А вот что рассказывает о «деле» Юрия Бернард Ваповский: «Георгий и Андрей, дядья юного великого князя Московского, — пишет хронист, — явно готовили государственный переворот и помышляли о княжеском престоле; Георгий, приведенный правителями к покорности, был взят под стражу, Андрей [же] спасся бегством…»[283] Оставляя пока в стороне вопрос о роли кн. Андрея Старицкого в этих событиях, обратим внимание на то, что арест Юрия приписывается здесь «правителям», а ими, как мы помним, Ваповский ранее назвал трех советников Василия III, которым последний доверил своего сына, т. е. речь идет все о тех же опекунах.
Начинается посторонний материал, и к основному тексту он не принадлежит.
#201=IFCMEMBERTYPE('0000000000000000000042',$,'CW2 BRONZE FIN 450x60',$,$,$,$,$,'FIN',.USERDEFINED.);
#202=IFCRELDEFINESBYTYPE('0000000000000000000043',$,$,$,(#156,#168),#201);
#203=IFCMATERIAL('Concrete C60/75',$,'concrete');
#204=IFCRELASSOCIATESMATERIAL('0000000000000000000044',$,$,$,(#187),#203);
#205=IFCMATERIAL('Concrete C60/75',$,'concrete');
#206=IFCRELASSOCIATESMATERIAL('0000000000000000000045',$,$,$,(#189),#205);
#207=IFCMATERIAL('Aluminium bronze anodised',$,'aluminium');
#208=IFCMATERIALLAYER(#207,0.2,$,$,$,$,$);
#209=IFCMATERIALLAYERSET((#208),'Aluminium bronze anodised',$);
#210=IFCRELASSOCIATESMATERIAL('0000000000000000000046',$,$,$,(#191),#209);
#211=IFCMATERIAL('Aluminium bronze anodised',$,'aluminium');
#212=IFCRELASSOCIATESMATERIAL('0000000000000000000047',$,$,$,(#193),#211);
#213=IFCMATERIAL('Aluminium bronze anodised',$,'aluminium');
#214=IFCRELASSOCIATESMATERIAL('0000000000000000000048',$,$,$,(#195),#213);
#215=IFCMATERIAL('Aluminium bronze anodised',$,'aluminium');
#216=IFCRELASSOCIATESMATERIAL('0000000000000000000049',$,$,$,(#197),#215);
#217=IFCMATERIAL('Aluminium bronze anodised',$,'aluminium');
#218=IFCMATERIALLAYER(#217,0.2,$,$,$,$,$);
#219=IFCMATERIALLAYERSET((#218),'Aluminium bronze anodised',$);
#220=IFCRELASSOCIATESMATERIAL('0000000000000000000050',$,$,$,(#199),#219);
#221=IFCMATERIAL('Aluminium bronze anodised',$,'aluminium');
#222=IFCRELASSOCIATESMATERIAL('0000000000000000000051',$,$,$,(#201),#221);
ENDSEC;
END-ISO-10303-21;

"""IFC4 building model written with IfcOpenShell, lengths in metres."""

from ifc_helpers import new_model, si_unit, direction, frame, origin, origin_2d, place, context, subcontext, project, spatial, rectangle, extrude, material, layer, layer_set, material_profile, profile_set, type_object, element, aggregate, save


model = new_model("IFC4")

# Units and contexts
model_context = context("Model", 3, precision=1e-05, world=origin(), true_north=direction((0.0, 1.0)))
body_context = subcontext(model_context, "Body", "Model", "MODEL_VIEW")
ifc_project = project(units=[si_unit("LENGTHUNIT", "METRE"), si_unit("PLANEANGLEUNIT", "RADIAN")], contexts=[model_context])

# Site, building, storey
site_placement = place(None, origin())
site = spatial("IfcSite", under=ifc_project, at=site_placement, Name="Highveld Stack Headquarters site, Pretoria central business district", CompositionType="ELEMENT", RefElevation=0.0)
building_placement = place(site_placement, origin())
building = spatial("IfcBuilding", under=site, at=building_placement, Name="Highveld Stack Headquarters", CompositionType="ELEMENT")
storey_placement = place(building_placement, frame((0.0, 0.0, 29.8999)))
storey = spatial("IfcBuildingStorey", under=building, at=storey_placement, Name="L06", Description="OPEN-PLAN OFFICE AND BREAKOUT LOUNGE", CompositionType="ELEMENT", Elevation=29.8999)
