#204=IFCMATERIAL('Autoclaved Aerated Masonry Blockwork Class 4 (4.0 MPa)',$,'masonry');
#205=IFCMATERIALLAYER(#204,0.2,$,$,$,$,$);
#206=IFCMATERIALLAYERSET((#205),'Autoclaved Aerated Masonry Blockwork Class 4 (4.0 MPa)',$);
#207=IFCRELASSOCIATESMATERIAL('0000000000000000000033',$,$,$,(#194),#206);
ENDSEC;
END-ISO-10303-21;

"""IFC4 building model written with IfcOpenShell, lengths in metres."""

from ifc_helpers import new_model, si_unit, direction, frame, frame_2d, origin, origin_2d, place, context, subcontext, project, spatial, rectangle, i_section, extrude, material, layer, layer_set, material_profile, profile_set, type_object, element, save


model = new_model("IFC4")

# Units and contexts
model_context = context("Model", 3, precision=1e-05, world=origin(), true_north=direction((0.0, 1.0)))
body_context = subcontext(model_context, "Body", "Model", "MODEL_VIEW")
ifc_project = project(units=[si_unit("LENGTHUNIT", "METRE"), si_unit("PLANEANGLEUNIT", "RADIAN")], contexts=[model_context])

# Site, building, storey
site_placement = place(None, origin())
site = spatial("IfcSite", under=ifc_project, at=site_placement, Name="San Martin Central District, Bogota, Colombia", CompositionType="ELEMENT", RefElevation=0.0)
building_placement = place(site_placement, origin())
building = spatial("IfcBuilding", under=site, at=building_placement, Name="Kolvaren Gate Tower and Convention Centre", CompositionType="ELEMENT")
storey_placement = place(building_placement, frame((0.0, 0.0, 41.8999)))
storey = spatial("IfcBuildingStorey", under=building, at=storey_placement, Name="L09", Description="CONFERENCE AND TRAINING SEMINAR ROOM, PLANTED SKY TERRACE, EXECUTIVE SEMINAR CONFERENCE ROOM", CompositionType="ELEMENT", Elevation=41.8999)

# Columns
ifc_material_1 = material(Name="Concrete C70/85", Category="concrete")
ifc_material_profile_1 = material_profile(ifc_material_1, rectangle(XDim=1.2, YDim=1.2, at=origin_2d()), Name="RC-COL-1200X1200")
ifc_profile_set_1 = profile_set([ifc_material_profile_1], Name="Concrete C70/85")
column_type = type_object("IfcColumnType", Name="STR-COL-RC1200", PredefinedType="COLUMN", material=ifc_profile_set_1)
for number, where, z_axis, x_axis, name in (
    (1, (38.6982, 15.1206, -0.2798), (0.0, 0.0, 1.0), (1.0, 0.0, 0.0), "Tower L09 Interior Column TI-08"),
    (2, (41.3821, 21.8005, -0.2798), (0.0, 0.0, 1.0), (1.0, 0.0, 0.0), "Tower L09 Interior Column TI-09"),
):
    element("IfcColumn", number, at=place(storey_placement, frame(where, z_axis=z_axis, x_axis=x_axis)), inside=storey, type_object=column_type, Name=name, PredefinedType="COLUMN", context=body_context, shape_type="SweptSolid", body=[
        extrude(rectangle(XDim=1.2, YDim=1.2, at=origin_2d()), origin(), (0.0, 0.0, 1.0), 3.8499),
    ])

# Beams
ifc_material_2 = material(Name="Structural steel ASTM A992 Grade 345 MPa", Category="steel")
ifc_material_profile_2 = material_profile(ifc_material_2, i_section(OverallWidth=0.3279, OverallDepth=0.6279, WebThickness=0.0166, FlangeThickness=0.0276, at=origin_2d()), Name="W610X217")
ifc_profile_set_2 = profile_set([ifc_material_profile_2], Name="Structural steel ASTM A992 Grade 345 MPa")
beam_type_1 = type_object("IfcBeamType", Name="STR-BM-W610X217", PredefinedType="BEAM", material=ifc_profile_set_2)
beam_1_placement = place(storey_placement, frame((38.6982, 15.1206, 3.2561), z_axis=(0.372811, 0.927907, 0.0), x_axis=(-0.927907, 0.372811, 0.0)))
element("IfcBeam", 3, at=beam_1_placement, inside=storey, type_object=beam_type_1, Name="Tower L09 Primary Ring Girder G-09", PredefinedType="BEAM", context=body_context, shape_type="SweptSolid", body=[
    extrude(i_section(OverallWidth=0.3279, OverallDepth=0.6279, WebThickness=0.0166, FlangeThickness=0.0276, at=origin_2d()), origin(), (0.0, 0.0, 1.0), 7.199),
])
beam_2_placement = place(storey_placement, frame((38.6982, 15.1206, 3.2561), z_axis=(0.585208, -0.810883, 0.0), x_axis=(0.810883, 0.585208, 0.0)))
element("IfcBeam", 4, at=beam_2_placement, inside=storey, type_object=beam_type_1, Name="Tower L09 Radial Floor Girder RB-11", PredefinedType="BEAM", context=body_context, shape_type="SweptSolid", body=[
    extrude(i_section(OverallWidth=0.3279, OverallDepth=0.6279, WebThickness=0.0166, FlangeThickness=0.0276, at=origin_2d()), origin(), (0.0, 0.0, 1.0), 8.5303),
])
Наконец, в нашем распоряжении есть документ, который недвусмысленно показывает, в чьих руках находились нити следствия по «делу» дмитровского князя. Речь идет об уже упоминавшейся челобитной Ивана Яганова: говоря о своих прежних заслугах (при Василии III), этот сыщик прибавляет: «…а ведома, государь, моа служба князю Михаилу Лвовичу [Глинскому. — М. К.] да Ивану Юрьевичу Поджогину»[284]. И вот, оказывается, что и при новом великом князе, Иване IV, дмитровские дела контролируют те же самые лица: с санкции Шигоны Поджогина Яганов ездил в деревню к дмитровскому сыну боярскому Якову Мещеринову — «некоторого для… государева дела», а об услышанном там он тотчас сообщил в особой грамоте, посланной «ко князю к Михаилу [Глинскому. — М. К.] и к Шигоне»[285].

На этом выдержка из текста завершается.